Nell'istruzione per la sua commissione straordinaria nell'Impero il L. venne incaricato di far sì "che la dieta si dissolva senza recesso o, pur facendosi, che in essa non si faccia cosa che sia mala, cercando di persuadere al re che alla M.tà S., che è sempre stata catholica et nata da principi catholici, non si conviene per alcun rispetto del mondo consentire a cosa che catholica non sia" (Nuntiaturberichte aus Deutschland, I, 17, p. 97). Ad Augusta la posizione del L. era in effetti disperata. Il re Ferdinando non voleva in nessun caso sposare l'argomentazione della Curia. Il L. era quasi del tutto isolato poiché non poteva assicurarsi nemmeno il sostegno dei principi cattolici (fatta eccezione per i duchi di Baviera, Brunswick e Cleve).
All'inizio di settembre Paolo IV ordinò al L. di proseguire immediatamente il viaggio per la Polonia, sua effettiva destinazione, e il 7 sett. 1555 il L. lasciò Augusta. Così, dopo Giovanni Morone e Zaccaria Delfino, l'ultimo rappresentante pontificio ancora rimasto in sede abbandonò la Dieta, che si concluse, tre settimane più tardi, con il riconoscimento ufficiale del protestantesimo nell'Impero (pace di Augusta), suggellando così la rottura dell'unità cristiana in Europa.

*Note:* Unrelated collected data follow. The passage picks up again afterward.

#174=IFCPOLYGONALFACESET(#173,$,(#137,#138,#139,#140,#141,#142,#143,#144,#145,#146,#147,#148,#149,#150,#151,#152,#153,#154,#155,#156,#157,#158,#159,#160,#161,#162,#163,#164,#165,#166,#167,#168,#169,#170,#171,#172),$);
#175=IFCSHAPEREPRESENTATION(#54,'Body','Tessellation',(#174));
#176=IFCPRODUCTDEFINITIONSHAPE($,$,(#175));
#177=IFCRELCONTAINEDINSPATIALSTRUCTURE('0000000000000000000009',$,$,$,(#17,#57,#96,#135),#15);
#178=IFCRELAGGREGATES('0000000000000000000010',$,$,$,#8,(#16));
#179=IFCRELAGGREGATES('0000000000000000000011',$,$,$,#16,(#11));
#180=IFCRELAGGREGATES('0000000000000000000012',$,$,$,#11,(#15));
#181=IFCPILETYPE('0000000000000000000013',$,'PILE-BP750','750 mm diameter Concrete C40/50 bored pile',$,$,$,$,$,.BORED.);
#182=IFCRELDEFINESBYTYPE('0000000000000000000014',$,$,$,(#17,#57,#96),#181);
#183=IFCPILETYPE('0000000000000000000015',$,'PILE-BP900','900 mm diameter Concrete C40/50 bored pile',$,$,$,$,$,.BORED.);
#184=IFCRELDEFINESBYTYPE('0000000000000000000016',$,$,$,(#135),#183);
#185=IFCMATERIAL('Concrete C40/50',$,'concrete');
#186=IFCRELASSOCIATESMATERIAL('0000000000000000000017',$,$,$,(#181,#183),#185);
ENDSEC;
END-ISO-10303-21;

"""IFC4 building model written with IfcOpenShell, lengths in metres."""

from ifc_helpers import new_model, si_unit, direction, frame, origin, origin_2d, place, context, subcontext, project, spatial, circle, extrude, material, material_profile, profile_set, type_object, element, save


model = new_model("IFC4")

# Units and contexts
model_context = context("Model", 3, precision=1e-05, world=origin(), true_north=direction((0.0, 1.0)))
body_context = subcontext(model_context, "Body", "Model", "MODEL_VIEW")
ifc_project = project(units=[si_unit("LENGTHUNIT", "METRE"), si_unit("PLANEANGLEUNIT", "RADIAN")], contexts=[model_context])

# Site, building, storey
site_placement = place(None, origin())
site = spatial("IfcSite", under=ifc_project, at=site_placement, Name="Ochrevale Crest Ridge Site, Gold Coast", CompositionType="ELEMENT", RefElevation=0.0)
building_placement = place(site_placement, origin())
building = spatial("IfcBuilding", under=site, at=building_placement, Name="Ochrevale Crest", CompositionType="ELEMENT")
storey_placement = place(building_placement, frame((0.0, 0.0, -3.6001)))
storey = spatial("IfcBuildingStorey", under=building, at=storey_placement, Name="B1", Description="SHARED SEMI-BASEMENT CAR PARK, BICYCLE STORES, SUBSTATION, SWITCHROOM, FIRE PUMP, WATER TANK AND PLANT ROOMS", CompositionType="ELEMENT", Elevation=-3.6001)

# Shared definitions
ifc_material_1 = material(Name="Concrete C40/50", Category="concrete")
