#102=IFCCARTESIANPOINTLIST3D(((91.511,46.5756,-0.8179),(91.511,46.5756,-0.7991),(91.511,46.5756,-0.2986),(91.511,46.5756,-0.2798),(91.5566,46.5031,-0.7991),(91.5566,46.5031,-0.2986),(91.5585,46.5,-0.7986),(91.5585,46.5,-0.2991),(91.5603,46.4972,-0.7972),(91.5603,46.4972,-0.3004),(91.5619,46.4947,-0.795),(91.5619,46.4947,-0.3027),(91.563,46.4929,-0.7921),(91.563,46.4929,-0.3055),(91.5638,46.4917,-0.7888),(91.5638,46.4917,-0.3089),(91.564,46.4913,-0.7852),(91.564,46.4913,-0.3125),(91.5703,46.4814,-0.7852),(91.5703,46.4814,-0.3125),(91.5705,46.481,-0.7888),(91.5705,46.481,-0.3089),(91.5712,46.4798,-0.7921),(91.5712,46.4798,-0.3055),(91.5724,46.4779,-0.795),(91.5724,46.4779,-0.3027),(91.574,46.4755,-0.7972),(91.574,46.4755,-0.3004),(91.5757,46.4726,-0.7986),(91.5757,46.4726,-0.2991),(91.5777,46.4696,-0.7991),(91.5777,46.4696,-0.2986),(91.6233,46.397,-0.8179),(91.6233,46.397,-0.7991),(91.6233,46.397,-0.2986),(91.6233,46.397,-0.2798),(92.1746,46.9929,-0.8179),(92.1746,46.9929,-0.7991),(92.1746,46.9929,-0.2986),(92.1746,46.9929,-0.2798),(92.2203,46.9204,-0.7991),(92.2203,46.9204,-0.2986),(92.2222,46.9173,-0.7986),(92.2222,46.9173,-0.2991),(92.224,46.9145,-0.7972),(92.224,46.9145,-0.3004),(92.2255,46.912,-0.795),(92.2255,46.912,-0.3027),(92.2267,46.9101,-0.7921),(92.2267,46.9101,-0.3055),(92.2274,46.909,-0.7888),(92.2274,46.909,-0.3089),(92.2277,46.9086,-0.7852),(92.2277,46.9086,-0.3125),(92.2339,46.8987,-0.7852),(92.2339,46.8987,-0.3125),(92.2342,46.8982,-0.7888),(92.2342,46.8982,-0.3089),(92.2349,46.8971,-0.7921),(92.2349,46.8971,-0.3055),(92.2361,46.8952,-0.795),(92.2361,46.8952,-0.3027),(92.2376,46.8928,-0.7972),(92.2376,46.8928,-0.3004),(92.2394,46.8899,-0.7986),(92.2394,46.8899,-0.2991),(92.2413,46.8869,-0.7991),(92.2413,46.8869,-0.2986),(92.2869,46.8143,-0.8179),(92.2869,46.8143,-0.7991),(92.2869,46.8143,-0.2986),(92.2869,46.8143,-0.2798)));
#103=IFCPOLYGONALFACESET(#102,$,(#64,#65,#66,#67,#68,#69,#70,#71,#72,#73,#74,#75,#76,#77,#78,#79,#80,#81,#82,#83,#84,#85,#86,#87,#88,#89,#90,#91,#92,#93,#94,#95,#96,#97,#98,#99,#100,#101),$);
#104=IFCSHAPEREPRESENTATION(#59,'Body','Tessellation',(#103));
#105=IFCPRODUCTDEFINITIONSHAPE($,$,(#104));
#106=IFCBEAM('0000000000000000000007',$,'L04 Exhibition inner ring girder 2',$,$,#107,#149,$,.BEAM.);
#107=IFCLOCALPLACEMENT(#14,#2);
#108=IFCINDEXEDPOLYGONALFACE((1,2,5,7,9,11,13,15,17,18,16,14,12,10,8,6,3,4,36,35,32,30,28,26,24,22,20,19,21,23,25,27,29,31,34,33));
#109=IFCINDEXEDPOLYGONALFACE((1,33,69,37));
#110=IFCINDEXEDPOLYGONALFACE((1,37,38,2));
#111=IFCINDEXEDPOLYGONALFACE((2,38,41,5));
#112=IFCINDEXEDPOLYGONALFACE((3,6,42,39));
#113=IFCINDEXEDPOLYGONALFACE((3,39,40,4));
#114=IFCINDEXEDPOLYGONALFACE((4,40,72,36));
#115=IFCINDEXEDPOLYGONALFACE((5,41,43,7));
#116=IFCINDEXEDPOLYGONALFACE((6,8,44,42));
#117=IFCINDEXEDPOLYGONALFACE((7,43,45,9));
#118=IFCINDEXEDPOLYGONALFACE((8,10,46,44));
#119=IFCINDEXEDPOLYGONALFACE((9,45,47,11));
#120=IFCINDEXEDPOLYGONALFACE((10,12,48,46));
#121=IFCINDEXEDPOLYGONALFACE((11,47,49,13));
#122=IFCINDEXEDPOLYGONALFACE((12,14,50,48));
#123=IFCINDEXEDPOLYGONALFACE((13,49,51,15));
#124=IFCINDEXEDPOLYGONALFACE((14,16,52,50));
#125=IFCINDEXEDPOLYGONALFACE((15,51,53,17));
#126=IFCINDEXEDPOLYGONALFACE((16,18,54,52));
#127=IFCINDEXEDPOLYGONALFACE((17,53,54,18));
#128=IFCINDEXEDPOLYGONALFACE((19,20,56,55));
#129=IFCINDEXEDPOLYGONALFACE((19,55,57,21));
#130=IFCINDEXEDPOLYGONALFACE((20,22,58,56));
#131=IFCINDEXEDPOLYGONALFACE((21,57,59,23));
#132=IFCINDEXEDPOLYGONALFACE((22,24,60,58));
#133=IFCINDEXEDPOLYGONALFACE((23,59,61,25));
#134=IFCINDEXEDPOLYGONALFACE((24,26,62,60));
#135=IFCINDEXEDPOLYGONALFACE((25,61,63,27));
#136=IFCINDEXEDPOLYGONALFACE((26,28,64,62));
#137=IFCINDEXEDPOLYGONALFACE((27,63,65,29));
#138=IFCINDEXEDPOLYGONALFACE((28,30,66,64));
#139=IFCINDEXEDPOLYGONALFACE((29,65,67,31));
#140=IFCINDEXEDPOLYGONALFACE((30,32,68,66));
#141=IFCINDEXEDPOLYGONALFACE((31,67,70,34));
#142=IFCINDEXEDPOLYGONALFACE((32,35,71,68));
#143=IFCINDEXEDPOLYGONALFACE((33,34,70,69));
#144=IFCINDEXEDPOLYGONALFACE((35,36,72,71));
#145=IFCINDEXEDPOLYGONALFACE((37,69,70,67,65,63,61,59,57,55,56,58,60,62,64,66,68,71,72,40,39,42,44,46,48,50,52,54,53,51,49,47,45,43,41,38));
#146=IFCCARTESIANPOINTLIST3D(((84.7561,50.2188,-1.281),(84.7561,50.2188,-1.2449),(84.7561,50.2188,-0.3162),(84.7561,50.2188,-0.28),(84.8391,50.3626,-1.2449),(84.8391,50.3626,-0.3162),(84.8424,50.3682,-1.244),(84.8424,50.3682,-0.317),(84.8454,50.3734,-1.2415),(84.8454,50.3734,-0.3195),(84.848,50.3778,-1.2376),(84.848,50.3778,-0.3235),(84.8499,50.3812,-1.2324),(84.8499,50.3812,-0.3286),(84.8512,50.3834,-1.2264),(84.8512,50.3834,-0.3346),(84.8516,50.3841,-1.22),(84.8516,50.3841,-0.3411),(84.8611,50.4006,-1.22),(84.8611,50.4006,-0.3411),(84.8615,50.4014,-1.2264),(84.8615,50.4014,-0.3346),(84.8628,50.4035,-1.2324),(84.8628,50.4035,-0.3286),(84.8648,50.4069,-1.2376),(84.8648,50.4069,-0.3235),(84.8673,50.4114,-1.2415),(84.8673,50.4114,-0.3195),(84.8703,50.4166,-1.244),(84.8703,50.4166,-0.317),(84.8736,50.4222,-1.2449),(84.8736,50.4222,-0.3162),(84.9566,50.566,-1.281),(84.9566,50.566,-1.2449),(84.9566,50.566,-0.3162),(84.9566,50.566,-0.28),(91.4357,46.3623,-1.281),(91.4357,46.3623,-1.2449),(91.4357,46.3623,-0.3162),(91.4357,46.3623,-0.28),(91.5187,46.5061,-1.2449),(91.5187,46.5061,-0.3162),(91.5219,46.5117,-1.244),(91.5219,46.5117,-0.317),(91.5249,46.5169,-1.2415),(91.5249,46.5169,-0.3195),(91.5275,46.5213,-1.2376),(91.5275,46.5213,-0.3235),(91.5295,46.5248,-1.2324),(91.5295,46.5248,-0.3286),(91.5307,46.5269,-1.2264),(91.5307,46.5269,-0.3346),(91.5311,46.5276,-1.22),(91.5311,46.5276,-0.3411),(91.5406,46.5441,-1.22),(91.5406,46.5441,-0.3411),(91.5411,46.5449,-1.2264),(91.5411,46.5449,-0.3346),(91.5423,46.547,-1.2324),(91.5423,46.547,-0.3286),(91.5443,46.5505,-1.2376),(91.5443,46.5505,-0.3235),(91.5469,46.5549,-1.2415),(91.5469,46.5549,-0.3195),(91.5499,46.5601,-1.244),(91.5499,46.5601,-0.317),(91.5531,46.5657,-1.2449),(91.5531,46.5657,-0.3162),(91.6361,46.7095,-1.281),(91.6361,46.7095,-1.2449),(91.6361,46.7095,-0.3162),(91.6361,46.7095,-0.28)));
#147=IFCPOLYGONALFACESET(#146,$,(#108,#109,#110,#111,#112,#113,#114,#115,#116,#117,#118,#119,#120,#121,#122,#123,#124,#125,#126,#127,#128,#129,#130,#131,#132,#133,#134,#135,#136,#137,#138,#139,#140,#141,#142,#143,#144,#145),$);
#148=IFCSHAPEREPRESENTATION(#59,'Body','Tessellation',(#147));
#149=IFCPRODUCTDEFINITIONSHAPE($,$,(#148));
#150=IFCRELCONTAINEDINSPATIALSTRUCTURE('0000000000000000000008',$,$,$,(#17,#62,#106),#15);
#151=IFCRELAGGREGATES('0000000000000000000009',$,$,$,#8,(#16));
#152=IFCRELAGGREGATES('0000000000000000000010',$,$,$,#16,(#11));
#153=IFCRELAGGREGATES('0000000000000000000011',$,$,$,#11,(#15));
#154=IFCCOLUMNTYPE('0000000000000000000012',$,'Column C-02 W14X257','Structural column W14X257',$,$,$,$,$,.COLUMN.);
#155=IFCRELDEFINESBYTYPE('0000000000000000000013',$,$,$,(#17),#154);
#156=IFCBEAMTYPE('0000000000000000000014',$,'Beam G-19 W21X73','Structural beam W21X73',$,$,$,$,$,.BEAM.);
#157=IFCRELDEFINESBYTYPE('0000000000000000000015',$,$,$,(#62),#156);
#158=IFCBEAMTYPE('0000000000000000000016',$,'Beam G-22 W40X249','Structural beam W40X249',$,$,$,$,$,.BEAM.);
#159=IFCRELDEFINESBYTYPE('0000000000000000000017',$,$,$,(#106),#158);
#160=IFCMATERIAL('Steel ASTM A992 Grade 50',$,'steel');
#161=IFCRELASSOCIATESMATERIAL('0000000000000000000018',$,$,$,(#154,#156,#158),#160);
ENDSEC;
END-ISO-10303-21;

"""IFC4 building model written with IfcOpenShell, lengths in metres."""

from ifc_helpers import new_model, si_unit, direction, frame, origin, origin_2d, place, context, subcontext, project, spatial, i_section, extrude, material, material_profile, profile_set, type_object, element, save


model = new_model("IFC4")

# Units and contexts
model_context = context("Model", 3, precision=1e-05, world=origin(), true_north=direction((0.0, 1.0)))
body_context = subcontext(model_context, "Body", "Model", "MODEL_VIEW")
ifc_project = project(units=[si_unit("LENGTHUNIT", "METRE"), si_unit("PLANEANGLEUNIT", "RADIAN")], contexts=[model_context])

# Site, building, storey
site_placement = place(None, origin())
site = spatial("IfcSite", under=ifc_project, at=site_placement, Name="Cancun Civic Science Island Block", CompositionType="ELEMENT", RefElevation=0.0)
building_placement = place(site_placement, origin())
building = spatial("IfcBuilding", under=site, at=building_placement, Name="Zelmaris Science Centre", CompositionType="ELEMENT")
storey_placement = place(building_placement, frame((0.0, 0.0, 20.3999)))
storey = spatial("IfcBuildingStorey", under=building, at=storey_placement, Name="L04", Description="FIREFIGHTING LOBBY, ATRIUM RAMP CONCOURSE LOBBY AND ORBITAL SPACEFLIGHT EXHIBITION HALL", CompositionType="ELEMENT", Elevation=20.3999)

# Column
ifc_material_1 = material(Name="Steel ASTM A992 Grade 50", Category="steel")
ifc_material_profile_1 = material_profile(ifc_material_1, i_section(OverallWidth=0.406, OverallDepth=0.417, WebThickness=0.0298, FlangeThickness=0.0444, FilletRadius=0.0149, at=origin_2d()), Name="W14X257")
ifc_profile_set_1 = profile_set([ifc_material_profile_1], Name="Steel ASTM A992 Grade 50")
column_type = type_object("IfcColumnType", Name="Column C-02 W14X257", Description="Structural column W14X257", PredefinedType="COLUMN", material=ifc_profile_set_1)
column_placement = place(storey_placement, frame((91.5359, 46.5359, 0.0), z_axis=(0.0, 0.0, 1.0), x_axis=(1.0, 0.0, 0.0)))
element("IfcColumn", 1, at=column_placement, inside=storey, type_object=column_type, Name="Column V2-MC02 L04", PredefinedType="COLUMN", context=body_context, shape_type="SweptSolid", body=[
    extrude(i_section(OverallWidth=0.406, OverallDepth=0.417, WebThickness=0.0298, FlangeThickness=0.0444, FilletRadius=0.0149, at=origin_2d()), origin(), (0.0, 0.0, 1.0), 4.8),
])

Nell'istruzione per la missione in Polonia, redatta dai cardinali Alessandro Farnese e Iacopo Puteo, si metteva in guardia dal pericolo di una generale disputa sui problemi confessionali, come era in atto nell'Impero. Inoltre, l'elemento cattolico doveva essere rafforzato nella vita pubblica nel suo complesso, ricorrendo a predicatori e docenti affidabili e mediante il controllo della stampa e il divieto di importazione di libri luterani dalla Germania.
L'8 ott. 1555, dopo un viaggio faticoso, il L. giunse a Varsavia, dove fu ospite della regina Bona Sforza, e il 28 a Vilna, dove fu ricevuto in prima udienza dal re Sigismondo Augusto.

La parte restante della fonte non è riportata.